Делайте, что хотите, я в ваших руках. Только никак не пойму, какой может произойти вред, если сказать этим юристам, что все это ложь, никакая я не мадам Метрович [465] или другая какая-либо мадам, кроме меня самой. Это предостерегло бы их, и они перестали бы адресовать мне письма на это имя, так как они наверняка не такие уж дураки, чтобы не знать, что эта открытая клевета противозаконна. Это потому, что Бибичи обманом убедили их, что я двоемужница, даже троемужница, – вот почему они так поступают. Таким образом, может быть, очень скоро я могу получить письмо, адресованное мне как миссис Ледбитер [466] или миссис Дамодар, или меня обвинят, что я имею ребенка от Мохини или Баваджи.
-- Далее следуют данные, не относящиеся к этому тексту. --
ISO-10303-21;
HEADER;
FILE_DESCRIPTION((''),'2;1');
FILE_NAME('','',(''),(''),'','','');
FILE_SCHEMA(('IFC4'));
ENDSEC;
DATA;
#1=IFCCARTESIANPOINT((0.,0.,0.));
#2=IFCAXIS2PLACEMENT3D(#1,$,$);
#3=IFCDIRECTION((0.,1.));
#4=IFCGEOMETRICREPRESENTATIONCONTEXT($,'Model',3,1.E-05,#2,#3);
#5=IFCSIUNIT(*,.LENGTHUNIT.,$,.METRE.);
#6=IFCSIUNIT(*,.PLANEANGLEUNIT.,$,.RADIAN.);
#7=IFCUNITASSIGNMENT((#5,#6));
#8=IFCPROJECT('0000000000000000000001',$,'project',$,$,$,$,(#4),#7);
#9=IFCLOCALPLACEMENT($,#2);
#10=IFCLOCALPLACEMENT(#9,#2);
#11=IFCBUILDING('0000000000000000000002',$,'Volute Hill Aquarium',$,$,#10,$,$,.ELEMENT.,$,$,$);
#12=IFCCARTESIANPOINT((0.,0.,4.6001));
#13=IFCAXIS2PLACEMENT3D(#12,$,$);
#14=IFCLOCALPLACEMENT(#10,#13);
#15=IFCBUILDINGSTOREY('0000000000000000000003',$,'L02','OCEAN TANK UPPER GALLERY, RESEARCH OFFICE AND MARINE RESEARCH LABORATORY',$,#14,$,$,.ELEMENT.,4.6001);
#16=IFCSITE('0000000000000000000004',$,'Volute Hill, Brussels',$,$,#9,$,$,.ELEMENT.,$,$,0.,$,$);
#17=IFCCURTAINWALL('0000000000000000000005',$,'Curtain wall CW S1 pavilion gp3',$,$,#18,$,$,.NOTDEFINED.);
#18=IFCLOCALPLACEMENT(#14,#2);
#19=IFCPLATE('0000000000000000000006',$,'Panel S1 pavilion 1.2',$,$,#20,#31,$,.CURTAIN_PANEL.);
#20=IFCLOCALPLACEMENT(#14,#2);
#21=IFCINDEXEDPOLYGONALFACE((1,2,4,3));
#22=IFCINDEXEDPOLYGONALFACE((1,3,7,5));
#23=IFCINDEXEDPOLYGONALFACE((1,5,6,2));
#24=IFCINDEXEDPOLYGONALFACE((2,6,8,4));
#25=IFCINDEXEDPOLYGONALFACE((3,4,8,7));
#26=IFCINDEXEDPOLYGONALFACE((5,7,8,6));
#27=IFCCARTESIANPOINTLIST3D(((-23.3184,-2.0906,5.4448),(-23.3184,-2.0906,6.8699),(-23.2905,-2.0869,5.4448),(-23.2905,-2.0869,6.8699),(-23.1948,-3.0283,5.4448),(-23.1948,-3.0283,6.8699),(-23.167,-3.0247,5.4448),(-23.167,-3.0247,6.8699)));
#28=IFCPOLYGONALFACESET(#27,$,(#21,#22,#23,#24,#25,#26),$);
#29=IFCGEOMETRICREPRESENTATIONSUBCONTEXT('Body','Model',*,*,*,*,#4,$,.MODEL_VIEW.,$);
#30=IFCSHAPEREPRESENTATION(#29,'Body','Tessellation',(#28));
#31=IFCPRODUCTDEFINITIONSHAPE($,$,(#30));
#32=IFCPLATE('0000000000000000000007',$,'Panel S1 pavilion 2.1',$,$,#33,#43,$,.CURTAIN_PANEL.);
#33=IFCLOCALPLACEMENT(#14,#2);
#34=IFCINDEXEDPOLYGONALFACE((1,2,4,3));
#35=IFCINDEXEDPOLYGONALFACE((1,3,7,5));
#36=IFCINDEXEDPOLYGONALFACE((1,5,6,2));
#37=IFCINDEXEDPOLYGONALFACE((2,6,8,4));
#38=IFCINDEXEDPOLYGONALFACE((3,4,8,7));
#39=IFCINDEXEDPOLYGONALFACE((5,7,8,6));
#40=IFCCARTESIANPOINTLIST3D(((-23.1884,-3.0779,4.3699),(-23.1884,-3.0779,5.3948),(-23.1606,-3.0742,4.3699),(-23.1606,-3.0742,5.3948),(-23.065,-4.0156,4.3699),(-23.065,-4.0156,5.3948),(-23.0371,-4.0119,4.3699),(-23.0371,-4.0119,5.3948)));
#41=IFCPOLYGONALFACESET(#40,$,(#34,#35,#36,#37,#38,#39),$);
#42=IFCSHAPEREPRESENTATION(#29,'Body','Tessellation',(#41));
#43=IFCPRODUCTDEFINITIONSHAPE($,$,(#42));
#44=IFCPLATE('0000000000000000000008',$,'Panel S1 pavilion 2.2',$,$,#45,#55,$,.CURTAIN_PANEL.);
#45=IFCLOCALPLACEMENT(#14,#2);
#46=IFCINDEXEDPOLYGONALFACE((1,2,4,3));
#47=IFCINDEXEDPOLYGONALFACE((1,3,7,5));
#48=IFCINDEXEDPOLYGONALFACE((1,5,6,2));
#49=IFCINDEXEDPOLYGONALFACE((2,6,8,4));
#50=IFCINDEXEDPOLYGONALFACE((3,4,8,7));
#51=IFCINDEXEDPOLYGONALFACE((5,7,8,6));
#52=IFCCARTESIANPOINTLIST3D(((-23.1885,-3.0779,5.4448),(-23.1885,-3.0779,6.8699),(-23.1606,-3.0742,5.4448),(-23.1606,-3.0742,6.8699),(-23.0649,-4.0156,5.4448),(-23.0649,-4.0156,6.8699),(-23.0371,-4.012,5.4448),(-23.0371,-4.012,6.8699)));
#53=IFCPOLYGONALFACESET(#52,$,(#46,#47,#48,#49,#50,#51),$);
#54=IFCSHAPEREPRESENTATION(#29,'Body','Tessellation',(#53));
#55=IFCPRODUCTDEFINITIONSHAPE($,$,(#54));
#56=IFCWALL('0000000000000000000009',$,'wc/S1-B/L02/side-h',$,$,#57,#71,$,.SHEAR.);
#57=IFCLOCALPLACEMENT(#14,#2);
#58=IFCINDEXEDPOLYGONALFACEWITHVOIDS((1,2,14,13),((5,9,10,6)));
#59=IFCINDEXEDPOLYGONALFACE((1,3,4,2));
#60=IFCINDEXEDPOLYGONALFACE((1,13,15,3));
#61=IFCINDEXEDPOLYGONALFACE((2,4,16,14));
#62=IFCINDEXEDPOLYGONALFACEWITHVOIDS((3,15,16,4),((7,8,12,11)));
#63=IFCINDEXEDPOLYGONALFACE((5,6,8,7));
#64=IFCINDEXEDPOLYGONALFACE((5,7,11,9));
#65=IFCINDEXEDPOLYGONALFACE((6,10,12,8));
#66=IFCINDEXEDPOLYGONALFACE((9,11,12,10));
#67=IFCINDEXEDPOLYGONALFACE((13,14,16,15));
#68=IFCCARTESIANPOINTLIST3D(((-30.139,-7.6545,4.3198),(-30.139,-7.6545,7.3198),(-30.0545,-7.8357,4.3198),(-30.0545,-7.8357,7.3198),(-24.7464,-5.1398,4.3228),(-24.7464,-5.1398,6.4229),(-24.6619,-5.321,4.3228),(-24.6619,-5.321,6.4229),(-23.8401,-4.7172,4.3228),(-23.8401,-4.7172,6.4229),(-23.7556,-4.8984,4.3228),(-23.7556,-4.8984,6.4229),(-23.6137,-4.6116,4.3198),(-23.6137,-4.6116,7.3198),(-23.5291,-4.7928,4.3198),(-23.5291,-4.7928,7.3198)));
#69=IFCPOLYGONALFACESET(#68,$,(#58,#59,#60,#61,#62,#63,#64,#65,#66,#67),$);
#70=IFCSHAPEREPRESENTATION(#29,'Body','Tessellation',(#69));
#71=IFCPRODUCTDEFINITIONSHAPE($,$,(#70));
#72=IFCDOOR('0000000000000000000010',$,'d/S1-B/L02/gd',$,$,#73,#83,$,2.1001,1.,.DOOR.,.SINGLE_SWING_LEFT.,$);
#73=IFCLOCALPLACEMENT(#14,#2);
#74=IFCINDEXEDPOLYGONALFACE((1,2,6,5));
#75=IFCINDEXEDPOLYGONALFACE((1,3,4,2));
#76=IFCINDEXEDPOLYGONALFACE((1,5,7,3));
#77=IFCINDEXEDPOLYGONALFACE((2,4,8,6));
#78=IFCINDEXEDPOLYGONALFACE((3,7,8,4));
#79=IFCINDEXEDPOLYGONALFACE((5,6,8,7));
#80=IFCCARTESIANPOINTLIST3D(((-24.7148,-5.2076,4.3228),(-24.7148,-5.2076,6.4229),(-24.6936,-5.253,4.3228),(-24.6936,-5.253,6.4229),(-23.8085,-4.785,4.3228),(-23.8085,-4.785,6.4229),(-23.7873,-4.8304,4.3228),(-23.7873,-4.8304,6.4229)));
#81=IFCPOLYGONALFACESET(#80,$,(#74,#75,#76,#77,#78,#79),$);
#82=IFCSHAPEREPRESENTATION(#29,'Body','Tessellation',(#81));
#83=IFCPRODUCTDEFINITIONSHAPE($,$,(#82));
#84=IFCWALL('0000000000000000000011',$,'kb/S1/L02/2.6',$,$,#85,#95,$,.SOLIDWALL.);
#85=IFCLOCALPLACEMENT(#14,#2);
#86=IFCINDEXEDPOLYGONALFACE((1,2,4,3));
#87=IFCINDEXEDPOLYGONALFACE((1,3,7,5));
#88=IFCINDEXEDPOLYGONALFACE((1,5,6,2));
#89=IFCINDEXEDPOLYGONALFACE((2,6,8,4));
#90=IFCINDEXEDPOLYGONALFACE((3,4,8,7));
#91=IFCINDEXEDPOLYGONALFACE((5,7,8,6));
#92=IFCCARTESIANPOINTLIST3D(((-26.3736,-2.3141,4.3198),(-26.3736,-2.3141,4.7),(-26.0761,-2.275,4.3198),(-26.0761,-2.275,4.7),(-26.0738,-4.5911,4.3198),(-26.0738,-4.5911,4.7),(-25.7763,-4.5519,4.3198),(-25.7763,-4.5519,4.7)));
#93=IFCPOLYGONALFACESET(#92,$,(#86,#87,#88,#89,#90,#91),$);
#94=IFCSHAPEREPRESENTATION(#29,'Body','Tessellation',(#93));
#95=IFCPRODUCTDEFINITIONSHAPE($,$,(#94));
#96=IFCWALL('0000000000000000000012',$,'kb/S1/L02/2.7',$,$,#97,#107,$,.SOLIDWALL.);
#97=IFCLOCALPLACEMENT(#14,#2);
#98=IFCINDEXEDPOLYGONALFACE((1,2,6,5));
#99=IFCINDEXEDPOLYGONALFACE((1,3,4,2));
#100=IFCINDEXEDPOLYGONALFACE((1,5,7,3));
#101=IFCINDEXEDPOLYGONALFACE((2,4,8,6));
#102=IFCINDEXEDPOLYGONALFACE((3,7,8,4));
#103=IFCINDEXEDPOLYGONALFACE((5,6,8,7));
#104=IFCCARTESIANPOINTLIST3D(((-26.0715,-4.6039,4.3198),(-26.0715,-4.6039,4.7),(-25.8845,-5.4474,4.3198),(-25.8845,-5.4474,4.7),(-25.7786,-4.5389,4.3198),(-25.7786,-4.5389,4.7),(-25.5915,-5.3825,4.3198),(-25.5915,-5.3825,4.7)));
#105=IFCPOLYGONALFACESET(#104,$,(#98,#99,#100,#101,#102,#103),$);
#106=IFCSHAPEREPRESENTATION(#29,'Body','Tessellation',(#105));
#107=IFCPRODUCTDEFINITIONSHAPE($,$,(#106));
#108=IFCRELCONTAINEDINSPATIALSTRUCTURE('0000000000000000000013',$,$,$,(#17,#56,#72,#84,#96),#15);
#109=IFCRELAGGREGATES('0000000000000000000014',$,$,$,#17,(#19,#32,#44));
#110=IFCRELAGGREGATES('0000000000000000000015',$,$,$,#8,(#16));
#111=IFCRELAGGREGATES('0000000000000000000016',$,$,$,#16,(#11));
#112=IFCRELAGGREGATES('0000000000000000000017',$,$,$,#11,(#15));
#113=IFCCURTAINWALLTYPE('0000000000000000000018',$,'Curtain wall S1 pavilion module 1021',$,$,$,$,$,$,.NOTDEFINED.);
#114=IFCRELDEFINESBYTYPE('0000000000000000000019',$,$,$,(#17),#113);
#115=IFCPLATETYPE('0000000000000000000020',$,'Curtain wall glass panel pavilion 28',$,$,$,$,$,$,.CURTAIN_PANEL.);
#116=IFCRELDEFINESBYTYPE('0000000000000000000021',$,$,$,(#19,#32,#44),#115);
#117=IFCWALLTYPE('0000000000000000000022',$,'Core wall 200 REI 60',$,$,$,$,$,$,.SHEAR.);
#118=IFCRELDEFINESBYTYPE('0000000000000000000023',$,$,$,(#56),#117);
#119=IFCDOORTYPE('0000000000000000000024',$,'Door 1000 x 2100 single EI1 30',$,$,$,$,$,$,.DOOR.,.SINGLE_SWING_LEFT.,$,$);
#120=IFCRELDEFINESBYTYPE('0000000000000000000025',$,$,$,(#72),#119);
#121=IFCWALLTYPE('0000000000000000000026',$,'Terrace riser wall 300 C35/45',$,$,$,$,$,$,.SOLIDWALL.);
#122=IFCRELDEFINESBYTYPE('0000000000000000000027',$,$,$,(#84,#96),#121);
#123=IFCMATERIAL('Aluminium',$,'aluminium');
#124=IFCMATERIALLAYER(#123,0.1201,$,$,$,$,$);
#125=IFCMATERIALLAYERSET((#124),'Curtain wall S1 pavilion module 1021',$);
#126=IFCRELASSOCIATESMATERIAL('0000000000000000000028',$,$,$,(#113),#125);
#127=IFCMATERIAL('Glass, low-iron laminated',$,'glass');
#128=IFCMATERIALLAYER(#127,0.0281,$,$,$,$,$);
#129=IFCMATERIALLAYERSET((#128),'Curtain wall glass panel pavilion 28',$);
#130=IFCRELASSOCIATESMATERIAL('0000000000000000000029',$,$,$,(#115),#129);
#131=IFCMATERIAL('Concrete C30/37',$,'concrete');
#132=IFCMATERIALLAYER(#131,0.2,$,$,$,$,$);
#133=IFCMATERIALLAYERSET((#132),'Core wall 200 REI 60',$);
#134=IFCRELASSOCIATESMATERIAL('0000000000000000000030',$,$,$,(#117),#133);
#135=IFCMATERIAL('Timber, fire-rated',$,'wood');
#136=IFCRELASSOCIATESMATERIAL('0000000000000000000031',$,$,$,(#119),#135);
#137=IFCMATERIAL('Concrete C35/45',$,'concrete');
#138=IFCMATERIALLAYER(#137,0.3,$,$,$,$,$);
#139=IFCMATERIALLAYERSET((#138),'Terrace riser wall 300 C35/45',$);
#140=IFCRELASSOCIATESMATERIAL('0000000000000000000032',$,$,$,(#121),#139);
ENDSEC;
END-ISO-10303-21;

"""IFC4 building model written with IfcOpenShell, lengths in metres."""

from ifc_helpers import new_model, si_unit, direction, frame, frame_2d, origin, origin_2d, place, context, subcontext, project, spatial, polyline, rectangle, outline, extrude, material, layer, layer_set, type_object, element, fill, aggregate, save


model = new_model("IFC4")

# Units and contexts
model_context = context("Model", 3, precision=1e-05, world=origin(), true_north=direction((0.0, 1.0)))
body_context = subcontext(model_context, "Body", "Model", "MODEL_VIEW")
ifc_project = project(units=[si_unit("LENGTHUNIT", "METRE"), si_unit("PLANEANGLEUNIT", "RADIAN")], contexts=[model_context])

# Site, building, storey
site_placement = place(None, origin())
site = spatial("IfcSite", under=ifc_project, at=site_placement, Name="Volute Hill, Brussels", CompositionType="ELEMENT", RefElevation=0.0)
building_placement = place(site_placement, origin())
building = spatial("IfcBuilding", under=site, at=building_placement, Name="Volute Hill Aquarium", CompositionType="ELEMENT")
storey_placement = place(building_placement, frame((0.0, 0.0, 4.6001)))
storey = spatial("IfcBuildingStorey", under=building, at=storey_placement, Name="L02", Description="OCEAN TANK UPPER GALLERY, RESEARCH OFFICE AND MARINE RESEARCH LABORATORY", CompositionType="ELEMENT", Elevation=4.6001)

# Curtain wall
ifc_material_1 = material(Name="Aluminium", Category="aluminium")
ifc_layer_1 = layer(ifc_material_1, 0.1201)
ifc_layer_set_1 = layer_set([ifc_layer_1], Name="Curtain wall S1 pavilion module 1021")
curtain_wall_type = type_object("IfcCurtainWallType", Name="Curtain wall S1 pavilion module 1021", PredefinedType="NOTDEFINED", material=ifc_layer_set_1)
curtain_wall_placement = place(storey_placement, origin())
curtain_wall = element("IfcCurtainWall", 1, at=curtain_wall_placement, inside=storey, type_object=curtain_wall_type, Name="Curtain wall CW S1 pavilion gp3", PredefinedType="NOTDEFINED")

# Plates
ifc_material_2 = material(Name="Glass, low-iron laminated", Category="glass")
ifc_layer_2 = layer(ifc_material_2, 0.0281)
ifc_layer_set_2 = layer_set([ifc_layer_2], Name="Curtain wall glass panel pavilion 28")
plate_type = type_object("IfcPlateType", Name="Curtain wall glass panel pavilion 28", PredefinedType="CURTAIN_PANEL", material=ifc_layer_set_2)
plate_1_placement = place(storey_placement, frame((-23.3184, -2.0906, 5.4448), z_axis=(-0.991434, -0.130608, 0.0), x_axis=(0.130608, -0.991434, 0.0)))
plate_1 = element("IfcPlate", 2, at=plate_1_placement, type_object=plate_type, Name="Panel S1 pavilion 1.2", PredefinedType="CURTAIN_PANEL", context=body_context, shape_type="SweptSolid", body=[
    extrude(outline(polyline([(0.0, 0.0), (0.9458, 0.0), (0.9458, 1.425), (0.0, 1.425), (0.0, 0.0)])), origin(), (0.0, 0.0, -1.0), 0.0281),
])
Кто может сказать, если ничего не опровергнуть?
464
См. пояснения к Письму № 141 (ML-139).
465
Враги Е.П. Блаватской в своих клеветнических измышлениях против нее дошли до того, что стали утверждать в прессе, что Блаватская – не ее настоящая фамилия, что она имеет двоих или даже троих мужей и ее фамилия на самом деле Метрович. – Прим. ред.
466
Ч. Ледбитер – видный деятель теософского движения. – Прим. ред.
Но это все пустяки. Есть нечто невыносимо противное для меня в любом скрывании своего имени. Не выношу инкогнито и смену имен. Почему я должна причинить вам еще больше хлопот, чем уже причинила? Почему вы должны терять время и деньги, чтобы приехать и встретить меня? Не делайте этого. Вещи я вышлю вперед заранее и спокойно выеду с Луизой вторым классом, проведя ночь в Бонне или Ахене (Aix la Chapelle), или где-нибудь по дороге. В Остенде комнаты станут дорогими не раньше июня. Кроме того, я могу заехать куда-нибудь поблизости. Я не знаю, когда отсюда уеду. Может, 1-го, может, 15-го. Я заплатила по это число.